Traffic counts have risen almost every month. The busiest part of TriEx, on N.C. 540 between N.C. 147 and N.C. 55, recorded an average weekday count of 37,160 cars in March – up from 32,800 last year and 25,900 in 2013.

Turnpike officials expected to collect $17.6 million in fiscal year 2014, but they took in $19.7 million.

“As a result of the Triangle Expressway, we’re seeing an explosion of growth around the facility,” said Beau Memory, the turnpike authority’s executive director. “These additional (interchanges) will be additional links to that growth.”

Morrisville Parkway started out as a line on a planning map, extending west from Cary into woods and pastures that are quickly being subsumed by subdivisions.
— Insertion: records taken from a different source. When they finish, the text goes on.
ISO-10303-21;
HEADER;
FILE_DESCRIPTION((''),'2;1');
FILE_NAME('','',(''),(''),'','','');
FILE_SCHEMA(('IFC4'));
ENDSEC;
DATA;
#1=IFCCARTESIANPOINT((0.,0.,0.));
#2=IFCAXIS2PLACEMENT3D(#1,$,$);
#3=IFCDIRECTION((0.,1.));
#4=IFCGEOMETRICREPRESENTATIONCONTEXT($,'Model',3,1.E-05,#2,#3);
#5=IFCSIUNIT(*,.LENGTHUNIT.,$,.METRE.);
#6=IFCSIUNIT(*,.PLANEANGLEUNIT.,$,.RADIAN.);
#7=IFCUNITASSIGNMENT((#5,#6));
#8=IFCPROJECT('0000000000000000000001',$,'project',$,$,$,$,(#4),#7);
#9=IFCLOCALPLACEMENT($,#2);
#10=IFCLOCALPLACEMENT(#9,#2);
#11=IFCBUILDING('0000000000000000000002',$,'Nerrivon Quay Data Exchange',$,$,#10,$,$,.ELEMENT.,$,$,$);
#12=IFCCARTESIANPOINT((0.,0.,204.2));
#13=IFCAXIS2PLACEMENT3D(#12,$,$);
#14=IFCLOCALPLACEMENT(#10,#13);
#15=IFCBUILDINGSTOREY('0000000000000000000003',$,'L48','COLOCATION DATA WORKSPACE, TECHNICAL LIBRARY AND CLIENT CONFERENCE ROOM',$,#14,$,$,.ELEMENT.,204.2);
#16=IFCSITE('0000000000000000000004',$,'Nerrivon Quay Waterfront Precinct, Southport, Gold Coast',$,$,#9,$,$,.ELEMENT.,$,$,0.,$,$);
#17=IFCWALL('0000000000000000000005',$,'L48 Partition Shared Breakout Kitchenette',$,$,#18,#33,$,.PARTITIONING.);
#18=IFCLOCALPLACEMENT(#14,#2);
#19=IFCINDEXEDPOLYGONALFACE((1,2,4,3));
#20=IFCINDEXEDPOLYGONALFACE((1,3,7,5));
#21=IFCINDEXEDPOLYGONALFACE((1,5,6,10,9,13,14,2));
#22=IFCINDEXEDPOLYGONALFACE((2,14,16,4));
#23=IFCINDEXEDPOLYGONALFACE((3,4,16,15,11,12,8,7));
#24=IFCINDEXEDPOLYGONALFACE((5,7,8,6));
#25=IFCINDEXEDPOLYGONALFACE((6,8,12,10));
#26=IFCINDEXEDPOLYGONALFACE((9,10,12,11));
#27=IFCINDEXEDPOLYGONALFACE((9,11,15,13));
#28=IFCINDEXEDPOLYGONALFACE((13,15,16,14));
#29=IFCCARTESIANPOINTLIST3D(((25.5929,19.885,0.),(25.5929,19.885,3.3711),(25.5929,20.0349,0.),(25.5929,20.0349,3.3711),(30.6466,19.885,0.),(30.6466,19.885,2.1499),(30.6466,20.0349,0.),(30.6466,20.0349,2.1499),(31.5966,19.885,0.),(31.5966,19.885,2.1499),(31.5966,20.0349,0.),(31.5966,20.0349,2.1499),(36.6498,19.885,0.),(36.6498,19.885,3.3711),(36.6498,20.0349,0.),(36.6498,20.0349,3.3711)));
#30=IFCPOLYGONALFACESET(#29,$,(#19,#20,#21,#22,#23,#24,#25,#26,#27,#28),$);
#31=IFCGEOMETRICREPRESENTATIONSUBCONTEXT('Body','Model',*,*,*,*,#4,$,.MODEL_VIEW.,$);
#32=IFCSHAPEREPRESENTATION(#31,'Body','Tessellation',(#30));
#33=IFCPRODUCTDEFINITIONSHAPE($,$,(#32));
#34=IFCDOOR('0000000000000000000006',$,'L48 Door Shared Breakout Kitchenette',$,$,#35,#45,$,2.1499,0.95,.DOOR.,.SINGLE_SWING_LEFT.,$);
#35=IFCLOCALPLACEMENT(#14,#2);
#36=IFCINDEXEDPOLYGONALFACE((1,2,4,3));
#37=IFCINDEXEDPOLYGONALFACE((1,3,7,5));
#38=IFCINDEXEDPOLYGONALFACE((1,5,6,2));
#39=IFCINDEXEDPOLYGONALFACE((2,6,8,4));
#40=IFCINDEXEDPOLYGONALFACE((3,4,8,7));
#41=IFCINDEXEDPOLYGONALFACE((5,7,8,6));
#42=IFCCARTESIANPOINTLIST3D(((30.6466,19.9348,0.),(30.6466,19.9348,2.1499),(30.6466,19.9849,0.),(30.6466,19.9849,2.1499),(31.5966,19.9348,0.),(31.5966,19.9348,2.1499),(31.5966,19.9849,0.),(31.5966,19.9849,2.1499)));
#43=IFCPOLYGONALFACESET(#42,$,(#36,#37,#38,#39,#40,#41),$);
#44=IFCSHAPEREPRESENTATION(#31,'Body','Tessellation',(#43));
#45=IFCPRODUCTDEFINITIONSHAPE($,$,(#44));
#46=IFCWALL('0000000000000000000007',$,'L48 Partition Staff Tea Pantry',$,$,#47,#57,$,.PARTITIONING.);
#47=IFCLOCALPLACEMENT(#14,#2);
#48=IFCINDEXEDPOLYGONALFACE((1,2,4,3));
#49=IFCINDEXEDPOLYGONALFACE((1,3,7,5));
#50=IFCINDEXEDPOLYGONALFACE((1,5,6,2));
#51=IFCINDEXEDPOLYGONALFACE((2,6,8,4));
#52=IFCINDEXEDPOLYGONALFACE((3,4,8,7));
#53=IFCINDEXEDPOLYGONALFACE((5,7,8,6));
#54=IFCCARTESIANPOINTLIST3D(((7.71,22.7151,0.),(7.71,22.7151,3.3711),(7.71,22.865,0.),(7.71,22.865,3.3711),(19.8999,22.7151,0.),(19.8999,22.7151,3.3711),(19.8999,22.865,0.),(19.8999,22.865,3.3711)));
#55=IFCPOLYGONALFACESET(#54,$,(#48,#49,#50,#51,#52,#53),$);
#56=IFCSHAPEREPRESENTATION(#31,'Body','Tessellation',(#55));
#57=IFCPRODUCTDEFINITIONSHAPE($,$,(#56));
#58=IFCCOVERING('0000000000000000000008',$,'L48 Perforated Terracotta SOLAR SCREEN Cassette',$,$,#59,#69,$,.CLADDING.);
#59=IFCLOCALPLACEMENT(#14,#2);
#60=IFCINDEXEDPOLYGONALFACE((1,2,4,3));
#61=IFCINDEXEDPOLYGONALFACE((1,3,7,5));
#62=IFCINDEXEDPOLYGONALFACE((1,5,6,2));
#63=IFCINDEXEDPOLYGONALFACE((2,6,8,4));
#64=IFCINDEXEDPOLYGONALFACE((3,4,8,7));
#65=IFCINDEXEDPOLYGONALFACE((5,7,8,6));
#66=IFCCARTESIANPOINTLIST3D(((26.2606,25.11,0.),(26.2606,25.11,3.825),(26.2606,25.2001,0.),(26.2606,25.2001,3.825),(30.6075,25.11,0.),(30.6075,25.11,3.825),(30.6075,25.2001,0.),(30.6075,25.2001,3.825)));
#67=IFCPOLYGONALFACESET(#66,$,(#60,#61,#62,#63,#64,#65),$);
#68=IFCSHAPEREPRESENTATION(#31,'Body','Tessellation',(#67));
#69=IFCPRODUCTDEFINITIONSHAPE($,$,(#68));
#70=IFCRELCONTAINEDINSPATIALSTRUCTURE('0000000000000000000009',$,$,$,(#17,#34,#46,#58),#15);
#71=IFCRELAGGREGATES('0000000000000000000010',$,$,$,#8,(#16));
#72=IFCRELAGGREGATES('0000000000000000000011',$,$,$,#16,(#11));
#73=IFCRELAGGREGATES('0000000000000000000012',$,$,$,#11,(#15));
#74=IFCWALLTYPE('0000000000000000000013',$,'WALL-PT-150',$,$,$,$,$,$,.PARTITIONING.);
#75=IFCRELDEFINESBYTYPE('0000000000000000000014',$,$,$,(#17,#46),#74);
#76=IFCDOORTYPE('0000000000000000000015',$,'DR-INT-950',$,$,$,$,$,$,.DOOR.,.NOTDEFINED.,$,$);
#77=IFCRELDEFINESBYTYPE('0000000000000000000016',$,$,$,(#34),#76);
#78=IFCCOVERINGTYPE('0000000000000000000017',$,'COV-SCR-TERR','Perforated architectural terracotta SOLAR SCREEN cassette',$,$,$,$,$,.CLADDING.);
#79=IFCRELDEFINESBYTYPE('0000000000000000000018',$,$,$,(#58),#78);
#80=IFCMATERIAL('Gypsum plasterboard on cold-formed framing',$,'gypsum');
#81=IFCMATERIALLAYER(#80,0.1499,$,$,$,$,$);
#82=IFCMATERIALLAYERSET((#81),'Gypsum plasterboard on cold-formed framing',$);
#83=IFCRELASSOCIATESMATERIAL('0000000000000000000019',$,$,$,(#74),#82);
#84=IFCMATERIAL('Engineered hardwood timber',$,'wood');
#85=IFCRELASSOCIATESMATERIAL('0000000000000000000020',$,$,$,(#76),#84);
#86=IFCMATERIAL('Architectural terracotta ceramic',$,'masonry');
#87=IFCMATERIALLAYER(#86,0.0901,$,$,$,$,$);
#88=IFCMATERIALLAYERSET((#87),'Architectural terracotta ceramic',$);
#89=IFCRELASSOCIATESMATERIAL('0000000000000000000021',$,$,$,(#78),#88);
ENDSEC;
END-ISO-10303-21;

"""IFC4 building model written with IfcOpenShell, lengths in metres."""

from ifc_helpers import new_model, si_unit, direction, frame, frame_2d, origin, origin_2d, place, context, subcontext, project, spatial, rectangle, extrude, material, layer, layer_set, type_object, element, fill, save


model = new_model("IFC4")

# Units and contexts
model_context = context("Model", 3, precision=1e-05, world=origin(), true_north=direction((0.0, 1.0)))
body_context = subcontext(model_context, "Body", "Model", "MODEL_VIEW")
ifc_project = project(units=[si_unit("LENGTHUNIT", "METRE"), si_unit("PLANEANGLEUNIT", "RADIAN")], contexts=[model_context])

# Site, building, storey
site_placement = place(None, origin())
site = spatial("IfcSite", under=ifc_project, at=site_placement, Name="Nerrivon Quay Waterfront Precinct, Southport, Gold Coast", CompositionType="ELEMENT", RefElevation=0.0)
building_placement = place(site_placement, origin())
building = spatial("IfcBuilding", under=site, at=building_placement, Name="Nerrivon Quay Data Exchange", CompositionType="ELEMENT")
storey_placement = place(building_placement, frame((0.0, 0.0, 204.2)))
storey = spatial("IfcBuildingStorey", under=building, at=storey_placement, Name="L48", Description="COLOCATION DATA WORKSPACE, TECHNICAL LIBRARY AND CLIENT CONFERENCE ROOM", CompositionType="ELEMENT", Elevation=204.2)

# Shared definitions
ifc_material_1 = material(Name="Gypsum plasterboard on cold-formed framing", Category="gypsum")
ifc_layer_1 = layer(ifc_material_1, 0.1499)
ifc_layer_set_1 = layer_set([ifc_layer_1], Name="Gypsum plasterboard on cold-formed framing")
wall_type_1 = type_object("IfcWallType", Name="WALL-PT-150", PredefinedType="PARTITIONING", material=ifc_layer_set_1)

# Wall, opening, door
wall_1_placement = place(storey_placement, frame((25.593, 19.96, 0.0), z_axis=(0.0, 0.0, 1.0), x_axis=(1.0, 0.0, 0.0)))
wall_1 = element("IfcWall", 1, at=wall_1_placement, inside=storey, type_object=wall_type_1, Name="L48 Partition Shared Breakout Kitchenette", PredefinedType="PARTITIONING", context=body_context, shape_type="SweptSolid", body=[
    extrude(rectangle(XDim=11.0569, YDim=0.1499, at=frame_2d((5.5283, 0.0))), origin(), (0.0, 0.0, 1.0), 3.3711),
])
opening_placement = place(wall_1_placement, frame((5.0535, 0.0, 0.0)))
opening = element("IfcOpeningElement", 2, at=opening_placement, cuts=wall_1, PredefinedType="OPENING", context=body_context, shape_type="SweptSolid", body=[
    extrude(rectangle(XDim=0.95, YDim=2.1499, at=frame_2d((0.4751, 1.075))), frame((0.0, 0.085, 0.0), z_axis=(0.0, -1.0, 0.0), x_axis=(1.0, 0.0, 0.0)), (0.0, 0.0, 1.0), 0.1699),
])
ifc_material_2 = material(Name="Engineered hardwood timber", Category="wood")
door_type = type_object("IfcDoorType", Name="DR-INT-950", OperationType="NOTDEFINED", PredefinedType="DOOR", material=ifc_material_2)
door_placement = place(opening_placement, origin())
door = element("IfcDoor", 3, at=door_placement, inside=storey, type_object=door_type, Name="L48 Door Shared Breakout Kitchenette", OperationType="SINGLE_SWING_LEFT", OverallHeight=2.1499, OverallWidth=0.95, PredefinedType="DOOR", context=body_context, shape_type="SweptSolid", body=[
    extrude(rectangle(XDim=0.95, YDim=2.1499, at=frame_2d((0.4751, 1.075))), frame((0.0, 0.0249, 0.0), z_axis=(0.0, -1.0, 0.0), x_axis=(1.0, 0.0, 0.0)), (0.0, 0.0, 1.0), 0.05),
])
fill(opening, door)

# Wall
wall_2_placement = place(storey_placement, frame((19.8999, 22.79, 0.0), z_axis=(0.0, 0.0, 1.0), x_axis=(-1.0, 0.0, 0.0)))
element("IfcWall", 4, at=wall_2_placement, inside=storey, type_object=wall_type_1, Name="L48 Partition Staff Tea Pantry", PredefinedType="PARTITIONING", context=body_context, shape_type="SweptSolid", body=[
    extrude(rectangle(XDim=12.1899, YDim=0.1499, at=frame_2d((6.095, 0.0))), origin(), (0.0, 0.0, 1.0), 3.3711),
])

# Covering
ifc_material_3 = material(Name="Architectural terracotta ceramic", Category="masonry")
ifc_layer_2 = layer(ifc_material_3, 0.0901)
ifc_layer_set_2 = layer_set([ifc_layer_2], Name="Architectural terracotta ceramic")
covering_type = type_object("IfcCoveringType", Name="COV-SCR-TERR", Description="Perforated architectural terracotta SOLAR SCREEN cassette", PredefinedType="CLADDING", material=ifc_layer_set_2)
covering_placement = place(storey_placement, frame((28.4341, 25.155, 0.0), z_axis=(0.0, 0.0, 1.0), x_axis=(1.0, 0.0, 0.0)))
element("IfcCovering", 5, at=covering_placement, inside=storey, type_object=covering_type, Name="L48 Perforated Terracotta SOLAR SCREEN Cassette", PredefinedType="CLADDING", context=body_context, shape_type="SweptSolid", body=[
    extrude(rectangle(XDim=4.3469, YDim=0.0901, at=origin_2d()), origin(), (0.0, 0.0, 1.0), 3.825),
])

save(model, "model.ifc")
The road has been built in pieces by developers, with a gap remaining in the middle. West of TriEx, it dead-ends in the Greystone neighborhood. To the east, Oaks at Highcroft.

Cary and DOT are developing a project to fill in the remaining 1.8 miles of Morrisville Parkway, bring it across the bridge that already bears its name, and add ramps and electronic toll gantries to make it the freeway’s 13th interchange. Cary officials hope to start construction in 2017, with traffic streaming down the completed road in 2018.

Starting in late 2016, the new interchange at Old Holly Springs-Apex Road will bring the toll road five or 10 minutes closer for hundreds of Apex and Holly Springs homeowners. And for southbound drivers who previously would have used the exit farther south at N.C. 55, the new option will cut the toll by 17 cents.

The toll road is a selling point for homebuyers here.

“A lot of people are looking at 12 Oaks now,” said David G. Mason of Holly Springs, a regional vice president for Landeavor, a Florida real-estate firm that is developing 12 Oaks. “A few years ago they might have considered Holly Springs a little too far out to meet their needs to go to Research Triangle Park or North Raleigh.

“Now they can be anywhere in 20 minutes,” Mason said. “It puts Holly Springs on the map, for people who choose to use the toll road.”

The next leg of 540

Residents across southern Wake County are awaiting a decision on which path the state Department of Transportation will choose for the southern extension of the Triangle Expressway from N.C. 55 at Holly Springs to Interstate 40 near Garner.

The proposed path marked by road planners in the 1990s, now called the Orange Route, runs through sensitive wetlands and the habitat of an endangered mussel. Pressed by federal environmental regulators, DOT has agreed to study alternatives that would avoid the protected wetlands.

Garner and other southern Wake towns have endorsed the Orange Route and have criticized the primary alternative, the Red Route, because it would run through parks, businesses and residential neighborhoods. A draft environmental impact statement, expected to be released in late July, will evaluate the impacts of each possible route.